Плохо, что ты не плачешь, твердила она. Если долго держать в себе, то в конце-концов взорвёшься. Иногда мне хочется тебя отлупить, чтобы заставить зареветь, чтобы вышла наружу эта чёрная гадость.
Вот и в тот раз, в сквере, сестра посмотрела на меня сердито, поджала губы и процедила:
Перестань! Ты похож на психа.
Я перестал смеяться и отвернулся. Пустота. Чёрная дыра внутри. Сквозь неё дует ветер, холодный и пронизывающий. Холодно. А у Тани юбка короткая и ноги голые.
Замёрзла?
Нет, а ты?
Немножко.
Пойдём в вокзал, там теплей, предложила сестра. Попроси тётю.
Может ты?
Боишься?
Чуть-чуть.
Если всегда будешь бояться, то ничего в жизни не добьёшься. Забьёшься в угол и станешь трястись от страха. Так и умрёшь в этом углу от голода.
Почему от голода? не понял я.
Попросить побоишься или выйти не сможешь.
Опять издевается. Тётя тем временем остановилась, и начала судорожно рыться в сумке.
Давай быстрей! зашипела на ухо Таня.
Вздохнув, я подошёл к тёте и дёрнул её за рукав. Она посмотрела, не узнавая.

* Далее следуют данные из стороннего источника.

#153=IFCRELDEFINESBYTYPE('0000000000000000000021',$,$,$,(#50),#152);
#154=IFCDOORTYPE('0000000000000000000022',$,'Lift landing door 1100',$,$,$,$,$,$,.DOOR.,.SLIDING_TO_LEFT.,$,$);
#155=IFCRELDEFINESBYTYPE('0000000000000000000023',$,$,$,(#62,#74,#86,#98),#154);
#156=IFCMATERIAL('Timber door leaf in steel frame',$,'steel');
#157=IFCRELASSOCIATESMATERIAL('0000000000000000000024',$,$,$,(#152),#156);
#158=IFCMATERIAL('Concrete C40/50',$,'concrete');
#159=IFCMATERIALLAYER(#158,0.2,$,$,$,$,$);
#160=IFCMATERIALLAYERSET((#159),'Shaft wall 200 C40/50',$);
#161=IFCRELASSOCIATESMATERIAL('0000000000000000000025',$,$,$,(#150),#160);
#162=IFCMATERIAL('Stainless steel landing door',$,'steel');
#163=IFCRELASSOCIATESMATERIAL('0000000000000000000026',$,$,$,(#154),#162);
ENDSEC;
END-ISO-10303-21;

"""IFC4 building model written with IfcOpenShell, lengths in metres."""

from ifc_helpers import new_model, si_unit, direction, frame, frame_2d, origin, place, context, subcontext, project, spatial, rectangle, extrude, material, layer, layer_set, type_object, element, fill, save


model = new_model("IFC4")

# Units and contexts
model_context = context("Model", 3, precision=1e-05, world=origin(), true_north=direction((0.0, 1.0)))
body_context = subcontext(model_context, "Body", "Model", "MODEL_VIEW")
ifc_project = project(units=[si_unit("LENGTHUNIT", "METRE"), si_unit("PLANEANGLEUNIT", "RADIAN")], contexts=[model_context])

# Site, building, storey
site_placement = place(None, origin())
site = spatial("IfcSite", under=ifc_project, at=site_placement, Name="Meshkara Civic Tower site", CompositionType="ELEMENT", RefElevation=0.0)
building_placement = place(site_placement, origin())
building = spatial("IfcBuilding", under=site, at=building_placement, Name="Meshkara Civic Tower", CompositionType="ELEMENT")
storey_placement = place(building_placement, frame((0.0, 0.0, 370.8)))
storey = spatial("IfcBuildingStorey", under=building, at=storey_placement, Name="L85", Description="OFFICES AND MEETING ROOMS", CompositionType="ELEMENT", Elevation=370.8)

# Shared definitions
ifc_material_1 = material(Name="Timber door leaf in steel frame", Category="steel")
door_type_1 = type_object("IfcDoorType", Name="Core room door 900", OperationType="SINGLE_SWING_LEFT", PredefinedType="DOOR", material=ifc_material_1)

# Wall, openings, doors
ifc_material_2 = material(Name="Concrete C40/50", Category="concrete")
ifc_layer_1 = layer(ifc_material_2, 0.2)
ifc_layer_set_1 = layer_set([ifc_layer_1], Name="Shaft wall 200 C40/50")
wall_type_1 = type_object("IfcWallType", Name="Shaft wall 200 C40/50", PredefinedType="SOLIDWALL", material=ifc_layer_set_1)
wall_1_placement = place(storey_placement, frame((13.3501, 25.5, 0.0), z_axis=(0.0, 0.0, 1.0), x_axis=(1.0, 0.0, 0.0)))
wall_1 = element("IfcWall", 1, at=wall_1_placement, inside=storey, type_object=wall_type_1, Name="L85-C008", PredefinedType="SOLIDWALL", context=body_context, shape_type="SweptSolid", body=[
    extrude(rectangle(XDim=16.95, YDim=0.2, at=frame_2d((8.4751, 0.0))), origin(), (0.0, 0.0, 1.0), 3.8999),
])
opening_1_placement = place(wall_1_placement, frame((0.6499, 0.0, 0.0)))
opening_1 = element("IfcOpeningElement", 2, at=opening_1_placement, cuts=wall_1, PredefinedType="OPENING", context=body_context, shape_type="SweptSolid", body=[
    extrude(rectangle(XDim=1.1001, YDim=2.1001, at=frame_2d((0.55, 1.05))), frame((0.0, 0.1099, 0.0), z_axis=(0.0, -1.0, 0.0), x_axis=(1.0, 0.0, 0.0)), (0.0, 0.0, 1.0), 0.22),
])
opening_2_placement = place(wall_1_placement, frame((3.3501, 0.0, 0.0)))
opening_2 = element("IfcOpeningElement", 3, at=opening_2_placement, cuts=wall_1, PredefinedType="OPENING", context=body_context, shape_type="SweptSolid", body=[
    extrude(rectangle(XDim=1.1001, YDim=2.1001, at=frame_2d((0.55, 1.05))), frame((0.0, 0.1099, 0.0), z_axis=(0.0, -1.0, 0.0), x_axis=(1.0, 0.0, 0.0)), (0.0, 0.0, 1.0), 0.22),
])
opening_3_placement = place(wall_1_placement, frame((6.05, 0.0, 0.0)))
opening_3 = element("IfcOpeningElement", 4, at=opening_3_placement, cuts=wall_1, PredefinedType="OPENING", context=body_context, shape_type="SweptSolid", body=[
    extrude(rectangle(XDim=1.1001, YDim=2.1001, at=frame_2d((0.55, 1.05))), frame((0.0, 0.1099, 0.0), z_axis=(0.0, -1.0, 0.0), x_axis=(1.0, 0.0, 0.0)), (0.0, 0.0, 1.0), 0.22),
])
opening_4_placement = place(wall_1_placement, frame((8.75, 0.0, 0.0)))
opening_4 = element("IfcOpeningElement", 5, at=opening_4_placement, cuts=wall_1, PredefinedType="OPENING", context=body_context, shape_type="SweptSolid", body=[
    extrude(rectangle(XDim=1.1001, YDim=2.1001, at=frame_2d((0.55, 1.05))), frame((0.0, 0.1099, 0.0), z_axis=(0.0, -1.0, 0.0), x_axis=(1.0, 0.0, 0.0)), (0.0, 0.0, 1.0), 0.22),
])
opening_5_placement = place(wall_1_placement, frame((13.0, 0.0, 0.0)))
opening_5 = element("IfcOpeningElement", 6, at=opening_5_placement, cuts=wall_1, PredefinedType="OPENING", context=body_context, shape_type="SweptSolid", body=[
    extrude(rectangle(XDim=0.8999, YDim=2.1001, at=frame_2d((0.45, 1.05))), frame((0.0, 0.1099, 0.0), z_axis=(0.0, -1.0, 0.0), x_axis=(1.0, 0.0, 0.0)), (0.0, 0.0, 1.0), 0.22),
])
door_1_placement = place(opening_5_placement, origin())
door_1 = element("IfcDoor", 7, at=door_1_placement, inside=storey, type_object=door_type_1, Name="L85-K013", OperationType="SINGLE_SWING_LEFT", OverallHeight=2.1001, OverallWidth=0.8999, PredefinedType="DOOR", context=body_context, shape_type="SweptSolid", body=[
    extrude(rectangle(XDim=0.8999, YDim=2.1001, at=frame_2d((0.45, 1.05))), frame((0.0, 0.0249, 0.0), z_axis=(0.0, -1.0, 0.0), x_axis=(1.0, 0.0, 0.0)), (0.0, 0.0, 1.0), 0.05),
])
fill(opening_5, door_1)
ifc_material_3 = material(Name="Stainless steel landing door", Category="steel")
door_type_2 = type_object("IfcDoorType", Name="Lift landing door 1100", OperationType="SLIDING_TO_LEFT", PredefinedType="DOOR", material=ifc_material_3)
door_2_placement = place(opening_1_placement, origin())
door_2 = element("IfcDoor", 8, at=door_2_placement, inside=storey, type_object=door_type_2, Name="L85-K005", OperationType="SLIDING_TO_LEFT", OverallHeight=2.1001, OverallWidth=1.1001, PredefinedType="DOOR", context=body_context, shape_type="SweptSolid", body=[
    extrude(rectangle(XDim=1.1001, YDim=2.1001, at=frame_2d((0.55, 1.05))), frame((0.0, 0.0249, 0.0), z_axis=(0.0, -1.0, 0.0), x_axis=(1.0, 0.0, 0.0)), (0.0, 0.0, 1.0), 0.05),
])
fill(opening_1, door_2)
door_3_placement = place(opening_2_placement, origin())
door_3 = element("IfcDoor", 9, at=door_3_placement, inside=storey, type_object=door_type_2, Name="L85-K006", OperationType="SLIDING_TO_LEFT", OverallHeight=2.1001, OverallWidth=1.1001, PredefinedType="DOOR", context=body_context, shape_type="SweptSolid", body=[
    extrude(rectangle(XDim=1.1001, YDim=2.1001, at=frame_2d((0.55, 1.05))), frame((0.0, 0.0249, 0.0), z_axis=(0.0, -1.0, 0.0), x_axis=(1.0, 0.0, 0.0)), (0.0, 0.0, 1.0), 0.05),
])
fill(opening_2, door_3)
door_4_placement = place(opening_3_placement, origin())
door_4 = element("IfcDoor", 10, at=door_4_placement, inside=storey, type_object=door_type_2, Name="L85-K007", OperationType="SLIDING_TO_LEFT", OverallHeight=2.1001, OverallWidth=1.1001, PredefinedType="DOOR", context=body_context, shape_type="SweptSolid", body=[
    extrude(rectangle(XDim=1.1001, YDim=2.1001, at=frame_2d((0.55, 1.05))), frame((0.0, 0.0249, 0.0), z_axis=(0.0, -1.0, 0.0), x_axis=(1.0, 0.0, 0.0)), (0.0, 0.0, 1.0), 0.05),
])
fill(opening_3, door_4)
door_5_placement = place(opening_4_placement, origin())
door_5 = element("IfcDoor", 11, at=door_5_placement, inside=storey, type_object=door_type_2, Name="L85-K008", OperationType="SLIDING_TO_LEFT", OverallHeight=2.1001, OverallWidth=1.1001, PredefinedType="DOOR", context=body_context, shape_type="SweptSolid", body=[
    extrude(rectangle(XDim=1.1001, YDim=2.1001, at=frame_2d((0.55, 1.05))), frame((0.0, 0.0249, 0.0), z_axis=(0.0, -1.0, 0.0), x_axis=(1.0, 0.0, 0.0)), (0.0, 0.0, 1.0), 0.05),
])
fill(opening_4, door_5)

Потом замерла, вспоминая, быстро-быстро заморгала и охнула, опустившись на холодный край фонтана.
Голова моя дурная! заверещала она, оглушая. Стая птиц, испугавшись, взметнулась вверх. Я вздрогнул.
Запамятовала, запамятовала совсем! тётя вцепилась мне в плечи, повертела, рассматривая, и с силой прижала к своей огромной груди. Задыхаясь, я вдыхал запах несвежей одежды, нафталина и приторно-сладкой туалетной воды.
Баклажанчик! не унималась она. Чистый баклажанчик! Синенький! Да что ж ты молчал-то! Замёрз ведь!
И подхватив меня на руки, понеслась к вокзалу.
«С ней не соскучишься», подумалось мне. И отчего-то стало вовсе не весело, а тоскливо.
Глава 6
Вокзал походил на католическую церковь. Я видел похожую в отцовских альбомах по искусству, которые он иногда разрешал полистать. Высокие, уходящие в никуда стены, витражные окна до потолка. Причудливо преломляясь, робкие лучи солнца рисовали на полу волшебные узоры в виде невиданных зверей и цветов. Зелёным цветом тянулись вверх изогнутые стебли, взрываясь на концах густо красными кровавыми шарами, пульсирующими словно живые человеческие сердца.